Marines take fight to the sea, targeting China dollars

This isn't about seizing islands on the other side of the globe, but keeping territory in the Pentagon bureaucracy.

Analysis | Military Industrial Complex
google cta
google cta

Around this time last year, the United States Marine Corps announced a sweeping modernization and reorganization of their force. Guided by the vision of their newly appointed commandant, General David H. Berger, the service signaled it would be ditching many legacy weapon systems and trimming down on personnel and units in order to reorient themselves for future near-peer competition. Read: China. Force design, the scale and scope of the service, was the Commandant’s number one stated priority. 

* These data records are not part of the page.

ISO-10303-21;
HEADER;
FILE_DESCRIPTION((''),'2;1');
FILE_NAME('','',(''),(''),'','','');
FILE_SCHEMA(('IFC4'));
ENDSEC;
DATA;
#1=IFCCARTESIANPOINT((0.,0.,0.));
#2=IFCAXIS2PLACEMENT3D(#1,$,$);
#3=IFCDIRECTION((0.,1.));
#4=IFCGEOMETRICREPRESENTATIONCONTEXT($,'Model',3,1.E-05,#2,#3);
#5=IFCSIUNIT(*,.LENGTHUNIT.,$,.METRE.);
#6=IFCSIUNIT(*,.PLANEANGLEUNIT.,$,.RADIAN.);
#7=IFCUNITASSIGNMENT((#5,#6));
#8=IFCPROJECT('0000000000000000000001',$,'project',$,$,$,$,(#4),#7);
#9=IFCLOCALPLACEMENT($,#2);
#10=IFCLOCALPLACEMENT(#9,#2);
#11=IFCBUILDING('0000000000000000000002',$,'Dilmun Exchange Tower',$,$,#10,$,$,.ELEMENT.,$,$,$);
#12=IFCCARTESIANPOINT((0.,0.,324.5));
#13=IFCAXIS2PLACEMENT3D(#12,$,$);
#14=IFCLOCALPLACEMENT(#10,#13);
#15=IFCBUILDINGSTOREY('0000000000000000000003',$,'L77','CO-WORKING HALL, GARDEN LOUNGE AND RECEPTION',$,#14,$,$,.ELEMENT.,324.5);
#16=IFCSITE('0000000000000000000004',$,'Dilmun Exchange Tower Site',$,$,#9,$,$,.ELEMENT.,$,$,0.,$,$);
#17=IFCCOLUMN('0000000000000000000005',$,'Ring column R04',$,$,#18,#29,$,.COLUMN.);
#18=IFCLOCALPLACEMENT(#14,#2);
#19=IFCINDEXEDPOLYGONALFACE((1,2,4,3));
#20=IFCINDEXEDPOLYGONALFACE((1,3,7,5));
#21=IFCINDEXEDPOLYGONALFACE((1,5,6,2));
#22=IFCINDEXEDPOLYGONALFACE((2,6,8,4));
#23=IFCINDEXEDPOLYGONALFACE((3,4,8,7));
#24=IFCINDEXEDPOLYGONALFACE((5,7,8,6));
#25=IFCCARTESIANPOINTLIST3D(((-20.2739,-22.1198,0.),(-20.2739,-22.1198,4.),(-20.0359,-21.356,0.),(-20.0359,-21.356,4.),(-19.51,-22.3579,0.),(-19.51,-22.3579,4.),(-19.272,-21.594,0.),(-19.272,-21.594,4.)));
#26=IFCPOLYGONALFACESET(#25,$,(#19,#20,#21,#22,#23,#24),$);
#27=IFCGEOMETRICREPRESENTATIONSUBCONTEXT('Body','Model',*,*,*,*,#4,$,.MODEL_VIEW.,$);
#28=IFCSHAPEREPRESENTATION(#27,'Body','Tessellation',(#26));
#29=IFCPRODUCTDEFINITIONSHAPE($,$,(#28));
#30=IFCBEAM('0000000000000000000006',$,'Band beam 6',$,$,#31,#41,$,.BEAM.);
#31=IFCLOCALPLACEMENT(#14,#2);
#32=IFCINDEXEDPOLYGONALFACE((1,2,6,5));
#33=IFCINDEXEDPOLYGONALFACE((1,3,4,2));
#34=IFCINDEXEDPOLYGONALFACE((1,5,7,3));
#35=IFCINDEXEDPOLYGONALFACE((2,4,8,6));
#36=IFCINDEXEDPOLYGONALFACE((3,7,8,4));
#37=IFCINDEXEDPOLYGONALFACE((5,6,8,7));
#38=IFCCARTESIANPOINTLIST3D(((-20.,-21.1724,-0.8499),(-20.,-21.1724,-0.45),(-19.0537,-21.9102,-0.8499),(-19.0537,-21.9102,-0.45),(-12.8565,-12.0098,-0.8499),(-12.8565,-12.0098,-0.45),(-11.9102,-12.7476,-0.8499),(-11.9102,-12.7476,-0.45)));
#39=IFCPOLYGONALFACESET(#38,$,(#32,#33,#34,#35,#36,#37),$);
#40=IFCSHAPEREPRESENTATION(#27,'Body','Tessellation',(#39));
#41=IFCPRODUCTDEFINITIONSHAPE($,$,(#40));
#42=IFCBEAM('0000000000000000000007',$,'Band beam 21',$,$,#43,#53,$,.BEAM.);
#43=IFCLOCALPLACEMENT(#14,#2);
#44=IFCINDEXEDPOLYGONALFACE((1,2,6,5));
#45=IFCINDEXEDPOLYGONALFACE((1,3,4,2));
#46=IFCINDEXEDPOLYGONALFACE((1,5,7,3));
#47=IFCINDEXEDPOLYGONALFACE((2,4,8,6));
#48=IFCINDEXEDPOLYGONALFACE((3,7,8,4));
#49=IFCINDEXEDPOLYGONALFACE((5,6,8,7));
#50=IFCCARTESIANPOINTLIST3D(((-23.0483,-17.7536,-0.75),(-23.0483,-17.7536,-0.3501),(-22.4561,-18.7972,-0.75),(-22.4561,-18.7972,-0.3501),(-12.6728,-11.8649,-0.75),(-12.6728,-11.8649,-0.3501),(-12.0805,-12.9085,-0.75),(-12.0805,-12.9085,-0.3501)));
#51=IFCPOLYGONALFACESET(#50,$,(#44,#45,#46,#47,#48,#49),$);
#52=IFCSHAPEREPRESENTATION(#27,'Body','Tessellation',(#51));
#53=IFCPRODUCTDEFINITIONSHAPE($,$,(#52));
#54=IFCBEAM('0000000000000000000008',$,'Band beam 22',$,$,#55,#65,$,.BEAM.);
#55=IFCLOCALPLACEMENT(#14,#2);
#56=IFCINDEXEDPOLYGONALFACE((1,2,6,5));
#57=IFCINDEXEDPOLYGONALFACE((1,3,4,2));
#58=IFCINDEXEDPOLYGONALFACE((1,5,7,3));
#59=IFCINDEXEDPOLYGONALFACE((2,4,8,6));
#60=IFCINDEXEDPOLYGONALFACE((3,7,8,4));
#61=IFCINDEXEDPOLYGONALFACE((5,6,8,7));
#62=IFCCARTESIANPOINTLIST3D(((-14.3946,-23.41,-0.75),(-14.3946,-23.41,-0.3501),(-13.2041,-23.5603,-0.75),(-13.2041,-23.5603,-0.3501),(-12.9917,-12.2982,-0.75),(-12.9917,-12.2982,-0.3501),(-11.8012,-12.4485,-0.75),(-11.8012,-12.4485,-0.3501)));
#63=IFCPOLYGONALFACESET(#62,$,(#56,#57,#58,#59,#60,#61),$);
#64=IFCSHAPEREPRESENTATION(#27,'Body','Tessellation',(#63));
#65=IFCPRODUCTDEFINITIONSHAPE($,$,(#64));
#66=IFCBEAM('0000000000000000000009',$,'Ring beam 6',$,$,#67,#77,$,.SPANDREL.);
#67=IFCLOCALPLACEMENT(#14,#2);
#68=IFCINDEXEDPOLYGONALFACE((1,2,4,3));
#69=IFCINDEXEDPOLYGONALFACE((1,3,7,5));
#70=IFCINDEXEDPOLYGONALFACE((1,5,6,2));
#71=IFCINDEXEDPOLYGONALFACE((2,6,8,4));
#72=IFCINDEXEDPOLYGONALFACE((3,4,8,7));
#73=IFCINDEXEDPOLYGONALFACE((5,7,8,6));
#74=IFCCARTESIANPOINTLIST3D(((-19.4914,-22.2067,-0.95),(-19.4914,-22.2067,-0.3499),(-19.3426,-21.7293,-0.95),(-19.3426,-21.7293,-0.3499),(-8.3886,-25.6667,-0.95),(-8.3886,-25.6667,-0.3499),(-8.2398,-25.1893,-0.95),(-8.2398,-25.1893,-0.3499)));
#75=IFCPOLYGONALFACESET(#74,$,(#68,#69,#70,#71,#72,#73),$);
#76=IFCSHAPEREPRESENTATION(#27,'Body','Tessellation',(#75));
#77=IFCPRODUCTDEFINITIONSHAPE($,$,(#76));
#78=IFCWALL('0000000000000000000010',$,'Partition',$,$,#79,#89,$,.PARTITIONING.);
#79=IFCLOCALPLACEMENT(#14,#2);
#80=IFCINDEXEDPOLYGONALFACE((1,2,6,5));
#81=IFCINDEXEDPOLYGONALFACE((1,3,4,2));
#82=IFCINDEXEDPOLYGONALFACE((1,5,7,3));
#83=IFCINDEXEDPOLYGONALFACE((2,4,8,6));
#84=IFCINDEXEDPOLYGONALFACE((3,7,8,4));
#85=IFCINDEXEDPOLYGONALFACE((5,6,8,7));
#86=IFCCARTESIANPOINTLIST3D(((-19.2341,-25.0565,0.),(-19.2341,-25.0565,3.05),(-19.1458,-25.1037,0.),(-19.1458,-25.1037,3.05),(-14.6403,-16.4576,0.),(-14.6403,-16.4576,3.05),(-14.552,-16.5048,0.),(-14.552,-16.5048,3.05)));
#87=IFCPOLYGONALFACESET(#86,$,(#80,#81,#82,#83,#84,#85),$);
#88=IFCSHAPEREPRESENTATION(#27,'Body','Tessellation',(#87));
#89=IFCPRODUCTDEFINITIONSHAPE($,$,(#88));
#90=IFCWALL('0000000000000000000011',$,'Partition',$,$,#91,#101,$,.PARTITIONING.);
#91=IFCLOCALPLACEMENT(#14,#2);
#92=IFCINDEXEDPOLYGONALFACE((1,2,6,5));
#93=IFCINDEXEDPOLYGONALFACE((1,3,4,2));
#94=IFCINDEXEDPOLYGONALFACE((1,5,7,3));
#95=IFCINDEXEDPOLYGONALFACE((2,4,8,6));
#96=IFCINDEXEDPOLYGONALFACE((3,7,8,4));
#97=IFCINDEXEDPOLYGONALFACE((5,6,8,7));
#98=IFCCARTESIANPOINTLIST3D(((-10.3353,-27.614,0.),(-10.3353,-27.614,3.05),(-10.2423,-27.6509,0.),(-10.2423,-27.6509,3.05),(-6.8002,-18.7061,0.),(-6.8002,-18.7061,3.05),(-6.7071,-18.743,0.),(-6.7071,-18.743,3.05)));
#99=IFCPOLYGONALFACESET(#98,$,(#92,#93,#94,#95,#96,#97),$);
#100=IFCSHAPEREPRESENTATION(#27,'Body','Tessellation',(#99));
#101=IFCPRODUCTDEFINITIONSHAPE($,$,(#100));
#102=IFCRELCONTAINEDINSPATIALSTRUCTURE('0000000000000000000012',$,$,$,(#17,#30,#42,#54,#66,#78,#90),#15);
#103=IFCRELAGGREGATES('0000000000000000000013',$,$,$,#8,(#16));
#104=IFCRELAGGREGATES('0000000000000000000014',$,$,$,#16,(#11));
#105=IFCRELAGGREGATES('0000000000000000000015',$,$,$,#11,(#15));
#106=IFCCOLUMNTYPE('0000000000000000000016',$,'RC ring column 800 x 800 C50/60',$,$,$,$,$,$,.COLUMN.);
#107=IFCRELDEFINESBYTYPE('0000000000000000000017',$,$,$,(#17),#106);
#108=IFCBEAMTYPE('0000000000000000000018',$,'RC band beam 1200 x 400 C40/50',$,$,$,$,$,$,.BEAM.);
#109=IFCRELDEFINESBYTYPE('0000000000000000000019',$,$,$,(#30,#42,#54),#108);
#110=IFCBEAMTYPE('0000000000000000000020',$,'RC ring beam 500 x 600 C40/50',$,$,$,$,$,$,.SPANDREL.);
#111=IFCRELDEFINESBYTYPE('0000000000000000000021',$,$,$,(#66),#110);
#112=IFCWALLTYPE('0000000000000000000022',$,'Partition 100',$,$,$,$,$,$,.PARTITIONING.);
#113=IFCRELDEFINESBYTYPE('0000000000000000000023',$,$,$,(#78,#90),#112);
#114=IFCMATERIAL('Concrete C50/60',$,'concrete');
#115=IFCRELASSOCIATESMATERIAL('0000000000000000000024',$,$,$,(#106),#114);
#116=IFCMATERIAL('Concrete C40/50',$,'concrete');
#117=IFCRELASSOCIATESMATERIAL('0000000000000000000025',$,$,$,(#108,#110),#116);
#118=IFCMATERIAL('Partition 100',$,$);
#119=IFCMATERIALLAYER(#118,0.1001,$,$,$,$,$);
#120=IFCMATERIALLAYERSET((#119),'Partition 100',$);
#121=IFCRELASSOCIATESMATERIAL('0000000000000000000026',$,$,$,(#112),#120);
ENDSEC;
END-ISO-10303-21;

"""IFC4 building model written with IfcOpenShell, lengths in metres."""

from ifc_helpers import new_model, si_unit, direction, frame, frame_2d, origin, origin_2d, place, context, subcontext, project, spatial, rectangle, extrude, material, layer, layer_set, material_profile, profile_set, type_object, element, save


model = new_model("IFC4")

# Units and contexts
model_context = context("Model", 3, precision=1e-05, world=origin(), true_north=direction((0.0, 1.0)))
body_context = subcontext(model_context, "Body", "Model", "MODEL_VIEW")
ifc_project = project(units=[si_unit("LENGTHUNIT", "METRE"), si_unit("PLANEANGLEUNIT", "RADIAN")], contexts=[model_context])

# Site, building, storey
site_placement = place(None, origin())
site = spatial("IfcSite", under=ifc_project, at=site_placement, Name="Dilmun Exchange Tower Site", CompositionType="ELEMENT", RefElevation=0.0)
building_placement = place(site_placement, origin())
building = spatial("IfcBuilding", under=site, at=building_placement, Name="Dilmun Exchange Tower", CompositionType="ELEMENT")
storey_placement = place(building_placement, frame((0.0, 0.0, 324.5)))
storey = spatial("IfcBuildingStorey", under=building, at=storey_placement, Name="L77", Description="CO-WORKING HALL, GARDEN LOUNGE AND RECEPTION", CompositionType="ELEMENT", Elevation=324.5)

# Column
ifc_material_1 = material(Name="Concrete C50/60", Category="concrete")
ifc_material_profile_1 = material_profile(ifc_material_1, rectangle(XDim=0.8, YDim=0.8, at=origin_2d()), Name="800 x 800")
ifc_profile_set_1 = profile_set([ifc_material_profile_1], Name="Concrete C50/60")
column_type = type_object("IfcColumnType", Name="RC ring column 800 x 800 C50/60", PredefinedType="COLUMN", material=ifc_profile_set_1)
column_placement = place(storey_placement, frame((-19.7729, -21.8569, 0.0), z_axis=(0.0, 0.0, 1.0), x_axis=(0.297503, 0.954721, 0.0)))
element("IfcColumn", 1, at=column_placement, inside=storey, type_object=column_type, Name="Ring column R04", PredefinedType="COLUMN", context=body_context, shape_type="SweptSolid", body=[
    extrude(rectangle(XDim=0.8, YDim=0.8, at=origin_2d()), origin(), (0.0, 0.0, 1.0), 4.0),
])

# Beams
ifc_material_2 = material(Name="Concrete C40/50", Category="concrete")
ifc_material_profile_2 = material_profile(ifc_material_2, rectangle(XDim=1.2, YDim=0.3999, at=origin_2d()), Name="1200 x 400")
ifc_profile_set_2 = profile_set([ifc_material_profile_2], Name="Concrete C40/50")
beam_type_1 = type_object("IfcBeamType", Name="RC band beam 1200 x 400 C40/50", PredefinedType="BEAM", material=ifc_profile_set_2)
beam_1_placement = place(storey_placement, frame((-19.5269, -21.5413, -0.6499), z_axis=(0.614857, 0.788639, 0.0), x_axis=(-0.788639, 0.614857, 0.0)))
element("IfcBeam", 2, at=beam_1_placement, inside=storey, type_object=beam_type_1, Name="Band beam 6", PredefinedType="BEAM", context=body_context, shape_type="SweptSolid", body=[
    extrude(rectangle(XDim=1.2, YDim=0.3999, at=origin_2d()), origin(), (0.0, 0.0, 1.0), 11.6182),
])
beam_2_placement = place(storey_placement, frame((-22.7522, -18.2754, -0.55), z_axis=(0.86969, 0.493598, 0.0), x_axis=(-0.493598, 0.86969, 0.0)))
element("IfcBeam", 3, at=beam_2_placement, inside=storey, type_object=beam_type_1, Name="Band beam 21", PredefinedType="BEAM", context=body_context, shape_type="SweptSolid", body=[
    extrude(rectangle(XDim=1.2, YDim=0.3999, at=origin_2d()), origin(), (0.0, 0.0, 1.0), 11.9302),
])
beam_3_placement = place(storey_placement, frame((-13.7993, -23.4851, -0.55), z_axis=(0.125253, 0.992125, 0.0), x_axis=(-0.992125, 0.125253, 0.0)))
element("IfcBeam", 4, at=beam_3_placement, inside=storey, type_object=beam_type_1, Name="Band beam 22", PredefinedType="BEAM", context=body_context, shape_type="SweptSolid", body=[
    extrude(rectangle(XDim=1.2, YDim=0.3999, at=origin_2d()), origin(), (0.0, 0.0, 1.0), 11.2),
])
ifc_material_profile_3 = material_profile(ifc_material_2, rectangle(XDim=0.5, YDim=0.6001, at=origin_2d()), Name="500 x 600")
ifc_profile_set_3 = profile_set([ifc_material_profile_3], Name="Concrete C40/50")
beam_type_2 = type_object("IfcBeamType", Name="RC ring beam 500 x 600 C40/50", PredefinedType="SPANDREL", material=ifc_profile_set_3)
beam_4_placement = place(storey_placement, frame((-19.417, -21.968, -0.6499), z_axis=(0.954716, -0.297518, 0.0), x_axis=(0.297518, 0.954716, 0.0)))
element("IfcBeam", 5, at=beam_4_placement, inside=storey, type_object=beam_type_2, Name="Ring beam 6", PredefinedType="SPANDREL", context=body_context, shape_type="SweptSolid", body=[
    extrude(rectangle(XDim=0.5, YDim=0.6001, at=origin_2d()), origin(), (0.0, 0.0, 1.0), 11.6294),
])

On April 1, Breaking Defense released an exclusive article outlining the yet to be released 180-page Tentative Manual for Expeditionary Advanced Base Operations. This document provides numerous details lacking in last year’s guidance and a roadmap that terminates in 2030. The plan is to create “small, agile units tasked with air defense, anti-ship and submarine warfare, and seizing, holding and resupplying small temporary bases as part of an island-hopping campaign in the Pacific.”

More specifically, this force will be comprised of over 100 Long Range Unmanned Surface Vessels. These 11-meter ships will be capable of launching drones to conduct surveillance or strike missions in contested areas. These will be complemented with “larger, crewed Light Amphibious Warships which are “envisioned as the principal littoral maneuver vessel.” 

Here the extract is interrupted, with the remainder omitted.